Chocolate Chip Cookie Muffins by the dozen please and thank you! This recipe actually makes about 18 muffins but we won’t count the other six you are going to eat for breakfast tomorrow morning. Shhh. Your secrets are safe with us! Anyways. Its ok you know. Because these here tasty cookie muffins are basically a pan full of the best things in life: bananas, oatmeal, and dark chocolate chips. Like YUM!
I originally decided to make these cookie muffins because there was a bag full of extra dark chocolate chips in our freezer just dying to be eaten. We keep them in the freezer because – well you know – out of sight out of mind. But every single time someone walks by our freezer door you can hear the little boogers screaming EAT ME EAT ME EAT ME. Chocolate is so good when it’s cold. Just saying.

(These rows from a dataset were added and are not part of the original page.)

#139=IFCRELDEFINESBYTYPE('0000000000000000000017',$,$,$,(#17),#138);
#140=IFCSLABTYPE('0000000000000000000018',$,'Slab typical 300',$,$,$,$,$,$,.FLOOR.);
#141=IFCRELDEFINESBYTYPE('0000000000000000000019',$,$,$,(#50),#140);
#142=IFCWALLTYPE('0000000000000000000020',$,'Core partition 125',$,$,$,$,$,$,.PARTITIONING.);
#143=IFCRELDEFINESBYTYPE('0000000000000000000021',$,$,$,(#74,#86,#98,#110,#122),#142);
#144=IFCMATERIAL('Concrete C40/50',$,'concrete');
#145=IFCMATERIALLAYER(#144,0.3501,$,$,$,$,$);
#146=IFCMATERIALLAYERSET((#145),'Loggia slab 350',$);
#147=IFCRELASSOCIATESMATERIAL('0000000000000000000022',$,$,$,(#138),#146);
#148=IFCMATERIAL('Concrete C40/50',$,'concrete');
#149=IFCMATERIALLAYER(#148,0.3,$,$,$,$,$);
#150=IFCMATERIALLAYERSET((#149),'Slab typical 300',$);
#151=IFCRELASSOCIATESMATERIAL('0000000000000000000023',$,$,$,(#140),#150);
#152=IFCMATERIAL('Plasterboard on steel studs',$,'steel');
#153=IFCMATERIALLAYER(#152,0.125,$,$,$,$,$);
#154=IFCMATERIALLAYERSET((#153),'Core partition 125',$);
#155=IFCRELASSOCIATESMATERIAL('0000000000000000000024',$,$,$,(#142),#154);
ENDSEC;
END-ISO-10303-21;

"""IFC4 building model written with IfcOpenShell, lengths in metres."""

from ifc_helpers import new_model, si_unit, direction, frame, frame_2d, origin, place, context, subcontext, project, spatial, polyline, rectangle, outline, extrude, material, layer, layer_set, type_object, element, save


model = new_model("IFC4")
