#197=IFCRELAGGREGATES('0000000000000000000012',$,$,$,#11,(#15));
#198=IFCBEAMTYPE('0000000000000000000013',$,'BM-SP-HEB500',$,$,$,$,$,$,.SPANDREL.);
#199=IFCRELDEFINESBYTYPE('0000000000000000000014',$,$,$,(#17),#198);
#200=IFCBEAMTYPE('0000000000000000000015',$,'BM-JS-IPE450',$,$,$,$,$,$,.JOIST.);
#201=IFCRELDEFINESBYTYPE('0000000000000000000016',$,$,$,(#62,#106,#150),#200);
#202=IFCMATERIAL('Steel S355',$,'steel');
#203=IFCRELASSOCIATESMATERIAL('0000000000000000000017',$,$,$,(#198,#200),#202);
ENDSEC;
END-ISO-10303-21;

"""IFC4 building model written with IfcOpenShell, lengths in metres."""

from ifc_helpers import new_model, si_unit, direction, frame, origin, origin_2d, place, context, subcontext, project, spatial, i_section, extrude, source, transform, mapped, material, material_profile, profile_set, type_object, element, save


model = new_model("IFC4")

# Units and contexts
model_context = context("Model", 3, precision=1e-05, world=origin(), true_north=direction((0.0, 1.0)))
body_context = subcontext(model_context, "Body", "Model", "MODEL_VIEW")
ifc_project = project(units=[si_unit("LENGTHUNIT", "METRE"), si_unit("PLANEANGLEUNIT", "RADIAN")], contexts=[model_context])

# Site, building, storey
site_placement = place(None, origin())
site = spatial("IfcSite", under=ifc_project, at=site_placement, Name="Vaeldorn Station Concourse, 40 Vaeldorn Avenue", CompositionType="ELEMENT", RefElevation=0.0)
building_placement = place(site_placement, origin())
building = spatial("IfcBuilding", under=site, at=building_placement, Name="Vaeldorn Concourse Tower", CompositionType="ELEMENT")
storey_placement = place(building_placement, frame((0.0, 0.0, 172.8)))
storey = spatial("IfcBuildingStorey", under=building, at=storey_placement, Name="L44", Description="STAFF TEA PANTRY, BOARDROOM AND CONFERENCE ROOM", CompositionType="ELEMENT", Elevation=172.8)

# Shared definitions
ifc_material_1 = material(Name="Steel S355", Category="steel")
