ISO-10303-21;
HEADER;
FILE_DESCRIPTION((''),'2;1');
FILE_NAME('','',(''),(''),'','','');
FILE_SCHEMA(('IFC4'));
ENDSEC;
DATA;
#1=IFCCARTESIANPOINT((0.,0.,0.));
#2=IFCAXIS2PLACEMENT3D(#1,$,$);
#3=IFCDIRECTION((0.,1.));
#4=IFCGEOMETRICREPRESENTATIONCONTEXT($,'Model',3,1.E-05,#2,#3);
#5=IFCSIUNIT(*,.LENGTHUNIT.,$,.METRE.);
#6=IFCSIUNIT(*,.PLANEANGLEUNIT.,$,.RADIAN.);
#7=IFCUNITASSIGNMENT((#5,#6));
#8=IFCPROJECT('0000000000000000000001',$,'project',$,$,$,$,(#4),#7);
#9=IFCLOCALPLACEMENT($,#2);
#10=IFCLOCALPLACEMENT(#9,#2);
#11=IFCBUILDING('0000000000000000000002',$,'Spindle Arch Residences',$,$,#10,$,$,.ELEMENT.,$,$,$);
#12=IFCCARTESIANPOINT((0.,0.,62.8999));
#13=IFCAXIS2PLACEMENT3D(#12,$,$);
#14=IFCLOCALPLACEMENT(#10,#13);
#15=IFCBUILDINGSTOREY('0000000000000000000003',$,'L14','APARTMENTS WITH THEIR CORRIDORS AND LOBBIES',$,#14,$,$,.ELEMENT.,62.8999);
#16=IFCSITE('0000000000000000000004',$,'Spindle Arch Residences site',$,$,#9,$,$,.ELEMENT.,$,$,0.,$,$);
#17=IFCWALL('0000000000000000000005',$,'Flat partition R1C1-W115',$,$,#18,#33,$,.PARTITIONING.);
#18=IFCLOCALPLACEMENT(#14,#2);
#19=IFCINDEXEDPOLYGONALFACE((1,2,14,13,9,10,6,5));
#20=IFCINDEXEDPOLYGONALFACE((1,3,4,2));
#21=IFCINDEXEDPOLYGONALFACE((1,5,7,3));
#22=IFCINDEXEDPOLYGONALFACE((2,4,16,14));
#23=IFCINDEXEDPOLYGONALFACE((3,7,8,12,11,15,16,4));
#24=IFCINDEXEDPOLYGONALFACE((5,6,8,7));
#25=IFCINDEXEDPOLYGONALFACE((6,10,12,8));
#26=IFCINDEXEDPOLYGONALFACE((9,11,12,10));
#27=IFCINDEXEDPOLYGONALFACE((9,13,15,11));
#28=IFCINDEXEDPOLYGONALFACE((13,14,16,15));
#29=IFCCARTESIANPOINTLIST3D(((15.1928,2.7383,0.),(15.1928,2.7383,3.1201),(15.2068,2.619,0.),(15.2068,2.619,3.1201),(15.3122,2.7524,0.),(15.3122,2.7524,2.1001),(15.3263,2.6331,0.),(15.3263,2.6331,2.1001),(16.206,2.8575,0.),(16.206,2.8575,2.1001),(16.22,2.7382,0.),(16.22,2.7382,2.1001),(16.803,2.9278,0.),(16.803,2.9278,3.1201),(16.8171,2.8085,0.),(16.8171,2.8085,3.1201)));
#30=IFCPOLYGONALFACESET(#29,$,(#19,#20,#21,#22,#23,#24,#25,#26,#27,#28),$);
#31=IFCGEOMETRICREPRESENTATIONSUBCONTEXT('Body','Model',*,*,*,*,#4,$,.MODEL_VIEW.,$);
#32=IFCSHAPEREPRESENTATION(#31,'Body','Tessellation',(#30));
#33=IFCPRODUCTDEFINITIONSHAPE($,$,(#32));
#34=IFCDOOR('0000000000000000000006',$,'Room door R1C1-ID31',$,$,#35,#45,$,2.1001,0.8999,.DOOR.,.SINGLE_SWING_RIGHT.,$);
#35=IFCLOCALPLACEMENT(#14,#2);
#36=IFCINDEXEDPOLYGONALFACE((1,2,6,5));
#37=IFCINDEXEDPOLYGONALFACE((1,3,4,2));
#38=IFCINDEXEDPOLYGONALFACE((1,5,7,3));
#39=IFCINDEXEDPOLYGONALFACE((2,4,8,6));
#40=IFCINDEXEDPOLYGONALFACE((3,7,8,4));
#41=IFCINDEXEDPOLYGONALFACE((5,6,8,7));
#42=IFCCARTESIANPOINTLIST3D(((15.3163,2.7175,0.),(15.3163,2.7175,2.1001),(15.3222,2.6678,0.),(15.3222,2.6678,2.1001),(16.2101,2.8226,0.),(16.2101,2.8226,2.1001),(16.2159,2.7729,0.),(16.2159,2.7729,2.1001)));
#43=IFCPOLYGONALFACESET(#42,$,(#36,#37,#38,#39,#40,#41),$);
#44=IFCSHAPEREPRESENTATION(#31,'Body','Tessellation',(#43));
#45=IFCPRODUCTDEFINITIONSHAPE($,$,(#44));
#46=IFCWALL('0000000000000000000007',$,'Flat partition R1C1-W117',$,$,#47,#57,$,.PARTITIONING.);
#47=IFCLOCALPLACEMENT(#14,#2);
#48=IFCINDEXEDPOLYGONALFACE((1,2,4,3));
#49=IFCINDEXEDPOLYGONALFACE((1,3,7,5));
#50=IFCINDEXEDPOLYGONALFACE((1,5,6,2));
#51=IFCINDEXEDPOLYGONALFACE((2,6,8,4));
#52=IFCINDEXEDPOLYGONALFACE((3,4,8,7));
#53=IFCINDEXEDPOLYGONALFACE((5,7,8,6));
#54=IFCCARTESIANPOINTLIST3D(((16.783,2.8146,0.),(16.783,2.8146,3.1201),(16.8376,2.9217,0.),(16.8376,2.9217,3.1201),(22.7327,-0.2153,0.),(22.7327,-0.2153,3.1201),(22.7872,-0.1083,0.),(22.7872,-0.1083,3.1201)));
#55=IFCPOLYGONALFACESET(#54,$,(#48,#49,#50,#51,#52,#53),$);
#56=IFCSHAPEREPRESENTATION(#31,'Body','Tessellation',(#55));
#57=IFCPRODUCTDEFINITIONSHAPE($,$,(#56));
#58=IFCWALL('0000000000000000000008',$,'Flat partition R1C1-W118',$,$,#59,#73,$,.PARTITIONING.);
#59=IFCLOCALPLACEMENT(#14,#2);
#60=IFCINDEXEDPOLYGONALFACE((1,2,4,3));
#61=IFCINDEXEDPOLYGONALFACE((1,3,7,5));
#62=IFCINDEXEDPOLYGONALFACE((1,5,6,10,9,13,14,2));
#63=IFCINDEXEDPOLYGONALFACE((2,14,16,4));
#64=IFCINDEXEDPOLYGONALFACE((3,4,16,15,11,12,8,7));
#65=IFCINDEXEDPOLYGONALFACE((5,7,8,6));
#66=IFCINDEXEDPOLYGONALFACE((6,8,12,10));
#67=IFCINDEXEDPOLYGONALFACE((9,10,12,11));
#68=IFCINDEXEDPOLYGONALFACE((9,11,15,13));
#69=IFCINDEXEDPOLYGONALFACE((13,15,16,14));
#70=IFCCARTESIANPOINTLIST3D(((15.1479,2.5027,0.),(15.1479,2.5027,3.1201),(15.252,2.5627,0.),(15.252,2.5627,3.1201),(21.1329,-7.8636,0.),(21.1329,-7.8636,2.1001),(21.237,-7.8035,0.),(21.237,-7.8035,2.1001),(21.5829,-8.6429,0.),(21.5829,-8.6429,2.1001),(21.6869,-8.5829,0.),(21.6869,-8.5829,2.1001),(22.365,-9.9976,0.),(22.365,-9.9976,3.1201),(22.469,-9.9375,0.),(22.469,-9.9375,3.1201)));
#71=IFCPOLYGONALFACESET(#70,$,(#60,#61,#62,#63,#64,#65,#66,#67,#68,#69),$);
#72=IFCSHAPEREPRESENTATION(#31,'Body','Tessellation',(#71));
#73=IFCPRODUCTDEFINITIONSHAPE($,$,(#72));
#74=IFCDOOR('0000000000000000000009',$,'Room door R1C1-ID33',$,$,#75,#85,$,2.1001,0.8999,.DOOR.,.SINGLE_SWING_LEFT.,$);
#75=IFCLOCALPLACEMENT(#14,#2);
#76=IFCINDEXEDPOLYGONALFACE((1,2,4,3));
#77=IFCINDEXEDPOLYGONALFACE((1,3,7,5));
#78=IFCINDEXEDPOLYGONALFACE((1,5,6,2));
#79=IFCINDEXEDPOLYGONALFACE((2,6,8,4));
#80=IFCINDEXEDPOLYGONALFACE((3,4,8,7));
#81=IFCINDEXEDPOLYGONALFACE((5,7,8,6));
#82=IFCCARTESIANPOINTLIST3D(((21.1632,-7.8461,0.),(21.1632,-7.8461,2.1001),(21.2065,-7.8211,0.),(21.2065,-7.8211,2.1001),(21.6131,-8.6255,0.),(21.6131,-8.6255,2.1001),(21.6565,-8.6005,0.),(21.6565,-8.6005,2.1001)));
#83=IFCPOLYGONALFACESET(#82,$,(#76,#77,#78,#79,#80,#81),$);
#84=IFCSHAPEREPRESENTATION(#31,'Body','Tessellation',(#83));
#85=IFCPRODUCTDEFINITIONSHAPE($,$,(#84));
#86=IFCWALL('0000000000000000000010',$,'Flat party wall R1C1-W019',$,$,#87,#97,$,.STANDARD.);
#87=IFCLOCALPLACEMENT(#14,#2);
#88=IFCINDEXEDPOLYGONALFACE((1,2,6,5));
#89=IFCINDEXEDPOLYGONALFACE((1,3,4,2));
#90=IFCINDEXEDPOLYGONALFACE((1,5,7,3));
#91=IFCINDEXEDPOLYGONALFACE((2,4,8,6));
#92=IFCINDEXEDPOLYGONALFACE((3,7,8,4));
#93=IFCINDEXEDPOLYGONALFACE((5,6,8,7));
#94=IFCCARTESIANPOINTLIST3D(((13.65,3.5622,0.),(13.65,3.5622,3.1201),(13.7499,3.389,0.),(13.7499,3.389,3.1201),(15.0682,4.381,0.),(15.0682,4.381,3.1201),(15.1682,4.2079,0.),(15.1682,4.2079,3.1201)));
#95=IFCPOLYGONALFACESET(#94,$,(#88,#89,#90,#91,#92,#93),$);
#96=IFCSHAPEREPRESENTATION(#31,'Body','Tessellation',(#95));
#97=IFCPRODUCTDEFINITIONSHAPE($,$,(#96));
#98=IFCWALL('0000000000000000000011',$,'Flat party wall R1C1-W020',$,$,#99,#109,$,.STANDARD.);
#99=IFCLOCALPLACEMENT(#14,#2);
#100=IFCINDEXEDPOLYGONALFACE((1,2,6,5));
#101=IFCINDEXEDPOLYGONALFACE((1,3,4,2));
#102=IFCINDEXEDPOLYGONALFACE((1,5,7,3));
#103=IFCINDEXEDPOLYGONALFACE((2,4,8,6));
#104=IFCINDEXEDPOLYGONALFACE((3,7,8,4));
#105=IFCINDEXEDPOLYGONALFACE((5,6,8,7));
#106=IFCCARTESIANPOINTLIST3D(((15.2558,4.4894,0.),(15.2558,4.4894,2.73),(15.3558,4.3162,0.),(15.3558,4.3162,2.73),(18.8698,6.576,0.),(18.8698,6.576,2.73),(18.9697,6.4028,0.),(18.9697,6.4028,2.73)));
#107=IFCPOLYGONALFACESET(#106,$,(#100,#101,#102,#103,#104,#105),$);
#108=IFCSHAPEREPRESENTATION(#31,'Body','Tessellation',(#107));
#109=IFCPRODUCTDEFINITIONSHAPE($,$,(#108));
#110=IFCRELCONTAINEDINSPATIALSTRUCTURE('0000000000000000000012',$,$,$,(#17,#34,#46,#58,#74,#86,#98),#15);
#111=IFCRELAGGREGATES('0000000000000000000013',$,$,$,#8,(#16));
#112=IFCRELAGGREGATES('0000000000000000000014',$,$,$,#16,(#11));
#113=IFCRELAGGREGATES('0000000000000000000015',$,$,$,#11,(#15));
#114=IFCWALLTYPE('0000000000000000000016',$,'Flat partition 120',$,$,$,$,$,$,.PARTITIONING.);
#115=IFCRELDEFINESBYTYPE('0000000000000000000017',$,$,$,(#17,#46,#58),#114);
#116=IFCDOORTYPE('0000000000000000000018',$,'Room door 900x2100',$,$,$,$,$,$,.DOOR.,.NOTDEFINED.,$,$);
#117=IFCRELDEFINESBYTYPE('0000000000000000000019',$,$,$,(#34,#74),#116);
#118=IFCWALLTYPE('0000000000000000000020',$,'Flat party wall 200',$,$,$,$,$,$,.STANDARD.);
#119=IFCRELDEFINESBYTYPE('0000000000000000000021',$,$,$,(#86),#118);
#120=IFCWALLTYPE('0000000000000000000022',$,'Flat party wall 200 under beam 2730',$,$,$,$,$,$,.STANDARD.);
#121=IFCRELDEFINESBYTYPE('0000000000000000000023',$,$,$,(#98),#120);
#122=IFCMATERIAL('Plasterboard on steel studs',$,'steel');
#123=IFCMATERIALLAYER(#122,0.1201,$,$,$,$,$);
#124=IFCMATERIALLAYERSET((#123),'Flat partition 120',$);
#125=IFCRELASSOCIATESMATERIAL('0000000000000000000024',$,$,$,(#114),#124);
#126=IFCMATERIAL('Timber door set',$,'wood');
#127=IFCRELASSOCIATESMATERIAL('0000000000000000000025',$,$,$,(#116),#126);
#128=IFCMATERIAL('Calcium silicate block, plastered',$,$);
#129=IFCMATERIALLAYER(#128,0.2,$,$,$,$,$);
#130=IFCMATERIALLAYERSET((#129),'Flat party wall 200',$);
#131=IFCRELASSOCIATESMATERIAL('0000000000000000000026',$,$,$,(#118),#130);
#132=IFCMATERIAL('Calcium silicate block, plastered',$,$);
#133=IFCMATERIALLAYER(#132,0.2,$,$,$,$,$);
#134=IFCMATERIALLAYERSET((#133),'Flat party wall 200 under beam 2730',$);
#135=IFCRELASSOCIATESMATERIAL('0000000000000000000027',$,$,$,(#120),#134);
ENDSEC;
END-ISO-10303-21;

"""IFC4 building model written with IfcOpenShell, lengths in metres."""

from ifc_helpers import new_model, si_unit, direction, frame, frame_2d, origin, place, context, subcontext, project, spatial, rectangle, extrude, material, layer, layer_set, type_object, element, fill, save


model = new_model("IFC4")

# Units and contexts
model_context = context("Model", 3, precision=1e-05, world=origin(), true_north=direction((0.0, 1.0)))
body_context = subcontext(model_context, "Body", "Model", "MODEL_VIEW")
ifc_project = project(units=[si_unit("LENGTHUNIT", "METRE"), si_unit("PLANEANGLEUNIT", "RADIAN")], contexts=[model_context])

# Site, building, storey
site_placement = place(None, origin())
site = spatial("IfcSite", under=ifc_project, at=site_placement, Name="Spindle Arch Residences site", CompositionType="ELEMENT", RefElevation=0.0)
building_placement = place(site_placement, origin())
building = spatial("IfcBuilding", under=site, at=building_placement, Name="Spindle Arch Residences", CompositionType="ELEMENT")
storey_placement = place(building_placement, frame((0.0, 0.0, 62.8999)))
storey = spatial("IfcBuildingStorey", under=building, at=storey_placement, Name="L14", Description="APARTMENTS WITH THEIR CORRIDORS AND LOBBIES", CompositionType="ELEMENT", Elevation=62.8999)

# Shared definitions
ifc_material_1 = material(Name="Plasterboard on steel studs", Category="steel")
ifc_layer_1 = layer(ifc_material_1, 0.1201)
ifc_layer_set_1 = layer_set([ifc_layer_1], Name="Flat partition 120")
wall_type_1 = type_object("IfcWallType", Name="Flat partition 120", PredefinedType="PARTITIONING", material=ifc_layer_set_1)
ifc_material_2 = material(Name="Timber door set", Category="wood")
door_type_1 = type_object("IfcDoorType", Name="Room door 900x2100", OperationType="NOTDEFINED", PredefinedType="DOOR", material=ifc_material_2)

# Wall, opening, door
wall_1_placement = place(storey_placement, frame((15.2, 2.6787, 0.0), z_axis=(0.0, 0.0, 1.0), x_axis=(0.993151, 0.116841, 0.0)))
wall_1 = element("IfcWall", 1, at=wall_1_placement, inside=storey, type_object=wall_type_1, Name="Flat partition R1C1-W115", PredefinedType="PARTITIONING", context=body_context, shape_type="SweptSolid", body=[
    extrude(rectangle(XDim=1.6213, YDim=0.1201, at=frame_2d((0.8105, 0.0))), origin(), (0.0, 0.0, 1.0), 3.1201),
])
opening_1_placement = place(wall_1_placement, frame((0.1201, 0.0, 0.0)))
opening_1 = element("IfcOpeningElement", 2, at=opening_1_placement, cuts=wall_1, PredefinedType="OPENING", context=body_context, shape_type="SweptSolid", body=[
    extrude(rectangle(XDim=0.8999, YDim=2.1001, at=frame_2d((0.45, 1.05))), frame((0.0, 0.0701, 0.0), z_axis=(0.0, -1.0, 0.0), x_axis=(1.0, 0.0, 0.0)), (0.0, 0.0, 1.0), 0.1401),
])
door_1_placement = place(opening_1_placement, origin())
door_1 = element("IfcDoor", 3, at=door_1_placement, inside=storey, type_object=door_type_1, Name="Room door R1C1-ID31", OperationType="SINGLE_SWING_RIGHT", OverallHeight=2.1001, OverallWidth=0.8999, PredefinedType="DOOR", context=body_context, shape_type="SweptSolid", body=[
    extrude(rectangle(XDim=0.8999, YDim=2.1001, at=frame_2d((0.45, 1.05))), frame((0.0, 0.0249, 0.0), z_axis=(0.0, -1.0, 0.0), x_axis=(1.0, 0.0, 0.0)), (0.0, 0.0, 1.0), 0.05),
])
fill(opening_1, door_1)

The more important point of the story is that I decided to give into temptation this weekend and made a big batch of healthy chocolate chip cookies muffins. For sharing purposes of course. Best. Choice. Ever. We are talking melt in your mouth died and went to heaven twice kind of yummy.
Oh and have we mentioned that all you have to do is toss the ingredients into the blender before baking? Um hello sweet things. Told you making these cookie muffins was by far the BEST CHOICE like EVER!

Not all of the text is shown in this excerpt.